The submission maintained that, as University Hospital Limerick's Dexa bone-density scanner was not available, patients diagnosed with cancer in its rapid-access prostate clinic had to be referred to Midland Regional Hospital in Tullamore, where they were put on an ever-lengthening waiting list. "This is delaying their treatment significantly."

It also said that at Merlin Park University Hospital, in Galway, the regional Dexa service had not been available for about two years, "impacting adversely on the treatment of cancer patients and patients with rheumatology conditions".

The submission said that Cork University Hospital’s lack of a vascular laboratory had led to an unnecessary increase in the number of patients using outpatient clinics and radiology facilities.

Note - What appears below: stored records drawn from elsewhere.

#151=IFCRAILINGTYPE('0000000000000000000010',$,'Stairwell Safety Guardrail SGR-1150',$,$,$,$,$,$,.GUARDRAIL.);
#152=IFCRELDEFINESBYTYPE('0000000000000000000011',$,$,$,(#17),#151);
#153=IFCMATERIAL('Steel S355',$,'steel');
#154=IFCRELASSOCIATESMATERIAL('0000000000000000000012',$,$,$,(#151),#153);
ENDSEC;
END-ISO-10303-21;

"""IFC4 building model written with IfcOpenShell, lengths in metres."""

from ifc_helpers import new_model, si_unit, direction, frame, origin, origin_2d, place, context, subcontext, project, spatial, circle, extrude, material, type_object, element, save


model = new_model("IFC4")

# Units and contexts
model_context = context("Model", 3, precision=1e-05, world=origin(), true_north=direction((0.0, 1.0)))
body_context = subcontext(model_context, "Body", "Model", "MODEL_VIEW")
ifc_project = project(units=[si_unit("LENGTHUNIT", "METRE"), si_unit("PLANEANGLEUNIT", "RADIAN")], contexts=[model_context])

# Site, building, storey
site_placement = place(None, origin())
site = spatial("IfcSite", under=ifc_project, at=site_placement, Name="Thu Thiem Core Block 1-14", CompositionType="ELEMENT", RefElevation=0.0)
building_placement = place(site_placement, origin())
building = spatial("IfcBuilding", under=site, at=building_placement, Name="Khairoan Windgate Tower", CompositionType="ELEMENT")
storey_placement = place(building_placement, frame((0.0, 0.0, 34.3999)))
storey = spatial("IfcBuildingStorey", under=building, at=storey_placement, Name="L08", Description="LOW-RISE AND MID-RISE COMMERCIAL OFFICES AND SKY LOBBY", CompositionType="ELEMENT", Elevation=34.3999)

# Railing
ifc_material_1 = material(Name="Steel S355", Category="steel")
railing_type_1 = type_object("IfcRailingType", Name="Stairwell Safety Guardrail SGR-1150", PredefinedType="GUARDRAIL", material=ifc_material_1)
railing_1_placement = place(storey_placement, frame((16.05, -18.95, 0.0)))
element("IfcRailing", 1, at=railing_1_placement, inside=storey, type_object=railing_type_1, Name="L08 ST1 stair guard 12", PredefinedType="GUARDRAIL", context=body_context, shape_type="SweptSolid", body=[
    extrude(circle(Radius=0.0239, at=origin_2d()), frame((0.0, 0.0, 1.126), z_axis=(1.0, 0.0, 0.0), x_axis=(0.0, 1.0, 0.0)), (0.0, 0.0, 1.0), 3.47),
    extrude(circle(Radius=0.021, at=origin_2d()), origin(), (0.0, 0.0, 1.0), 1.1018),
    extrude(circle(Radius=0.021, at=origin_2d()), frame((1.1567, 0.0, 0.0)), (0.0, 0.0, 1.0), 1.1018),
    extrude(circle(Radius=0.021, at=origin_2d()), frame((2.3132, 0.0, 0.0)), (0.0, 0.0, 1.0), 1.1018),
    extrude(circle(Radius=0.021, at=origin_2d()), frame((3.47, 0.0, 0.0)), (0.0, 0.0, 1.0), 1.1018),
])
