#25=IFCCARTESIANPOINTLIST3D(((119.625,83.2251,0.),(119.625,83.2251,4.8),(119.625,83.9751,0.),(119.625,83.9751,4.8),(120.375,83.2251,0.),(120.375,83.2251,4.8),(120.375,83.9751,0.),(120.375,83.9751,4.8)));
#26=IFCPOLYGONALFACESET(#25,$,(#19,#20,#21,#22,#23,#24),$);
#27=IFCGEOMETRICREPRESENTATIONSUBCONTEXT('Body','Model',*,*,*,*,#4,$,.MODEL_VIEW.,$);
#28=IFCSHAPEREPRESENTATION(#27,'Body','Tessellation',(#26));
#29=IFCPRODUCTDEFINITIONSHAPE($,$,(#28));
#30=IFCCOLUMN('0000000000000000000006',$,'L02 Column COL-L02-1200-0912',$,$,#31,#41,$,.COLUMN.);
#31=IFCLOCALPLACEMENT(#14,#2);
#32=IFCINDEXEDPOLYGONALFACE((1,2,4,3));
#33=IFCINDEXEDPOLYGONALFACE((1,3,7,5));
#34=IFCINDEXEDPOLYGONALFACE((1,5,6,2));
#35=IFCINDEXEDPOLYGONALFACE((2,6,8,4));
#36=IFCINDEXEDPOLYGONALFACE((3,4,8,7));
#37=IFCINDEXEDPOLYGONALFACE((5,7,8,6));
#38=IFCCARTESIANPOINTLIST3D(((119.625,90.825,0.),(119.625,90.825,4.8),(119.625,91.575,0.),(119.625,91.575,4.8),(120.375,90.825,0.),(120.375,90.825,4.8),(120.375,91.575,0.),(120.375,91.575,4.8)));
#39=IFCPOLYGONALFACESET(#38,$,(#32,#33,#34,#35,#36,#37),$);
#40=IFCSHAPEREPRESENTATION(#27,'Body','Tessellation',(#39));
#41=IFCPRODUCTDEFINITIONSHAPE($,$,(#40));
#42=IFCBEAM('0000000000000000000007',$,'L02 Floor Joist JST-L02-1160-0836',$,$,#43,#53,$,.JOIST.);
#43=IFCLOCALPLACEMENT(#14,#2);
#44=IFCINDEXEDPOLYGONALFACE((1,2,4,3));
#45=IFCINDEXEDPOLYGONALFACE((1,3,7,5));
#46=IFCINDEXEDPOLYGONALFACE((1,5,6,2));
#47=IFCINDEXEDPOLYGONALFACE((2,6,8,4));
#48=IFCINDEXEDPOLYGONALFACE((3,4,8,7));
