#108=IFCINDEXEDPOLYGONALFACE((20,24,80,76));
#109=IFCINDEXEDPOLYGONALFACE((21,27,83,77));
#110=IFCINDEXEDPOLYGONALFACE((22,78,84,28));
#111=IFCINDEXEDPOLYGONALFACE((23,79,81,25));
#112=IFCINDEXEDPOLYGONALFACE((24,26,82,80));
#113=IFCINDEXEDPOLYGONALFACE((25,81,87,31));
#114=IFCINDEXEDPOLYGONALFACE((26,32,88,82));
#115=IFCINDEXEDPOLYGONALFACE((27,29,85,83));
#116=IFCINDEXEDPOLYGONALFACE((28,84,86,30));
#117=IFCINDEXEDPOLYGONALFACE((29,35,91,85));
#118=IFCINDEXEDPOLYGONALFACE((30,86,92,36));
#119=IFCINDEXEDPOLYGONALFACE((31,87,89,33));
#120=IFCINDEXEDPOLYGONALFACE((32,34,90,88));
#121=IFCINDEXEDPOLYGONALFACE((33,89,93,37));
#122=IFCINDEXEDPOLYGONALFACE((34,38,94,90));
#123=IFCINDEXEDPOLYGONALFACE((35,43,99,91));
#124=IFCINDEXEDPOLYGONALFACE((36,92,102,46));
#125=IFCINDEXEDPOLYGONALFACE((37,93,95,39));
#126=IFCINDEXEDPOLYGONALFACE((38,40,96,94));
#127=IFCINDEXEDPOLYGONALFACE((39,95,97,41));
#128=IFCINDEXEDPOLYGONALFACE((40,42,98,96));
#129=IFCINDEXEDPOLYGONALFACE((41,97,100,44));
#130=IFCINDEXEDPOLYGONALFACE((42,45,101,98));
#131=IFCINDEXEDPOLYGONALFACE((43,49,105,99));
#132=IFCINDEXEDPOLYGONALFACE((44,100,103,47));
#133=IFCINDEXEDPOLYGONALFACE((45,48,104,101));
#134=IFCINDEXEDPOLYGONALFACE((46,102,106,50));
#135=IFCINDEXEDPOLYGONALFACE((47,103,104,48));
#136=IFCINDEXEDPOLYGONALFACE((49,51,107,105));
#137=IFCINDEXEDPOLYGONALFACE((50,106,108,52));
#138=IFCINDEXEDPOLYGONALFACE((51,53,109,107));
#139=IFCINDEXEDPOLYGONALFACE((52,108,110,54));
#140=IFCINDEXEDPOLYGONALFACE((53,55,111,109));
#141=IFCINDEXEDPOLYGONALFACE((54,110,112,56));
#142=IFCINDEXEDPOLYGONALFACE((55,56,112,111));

In addition, the Irish Hospital Consultants Association said the failure to attract enough consultant psychiatrists had resulted in significant shortfalls in the Republic's mental-health services.

“Significant time and energy is spent on the recruitment of consultants and non-consultant hospital doctors. Reliance on agencies is unhelpful, as staff are increasingly transient, and considerable time is devoted to vetting and organising work visas only for a significant portion of these staff to move to other parts of the country.

“As a result of the vacancy levels, there is a lack of continuity and there is a risk of systems failure as agency doctors cannot be inducted properly or on a sufficiently regular basis.”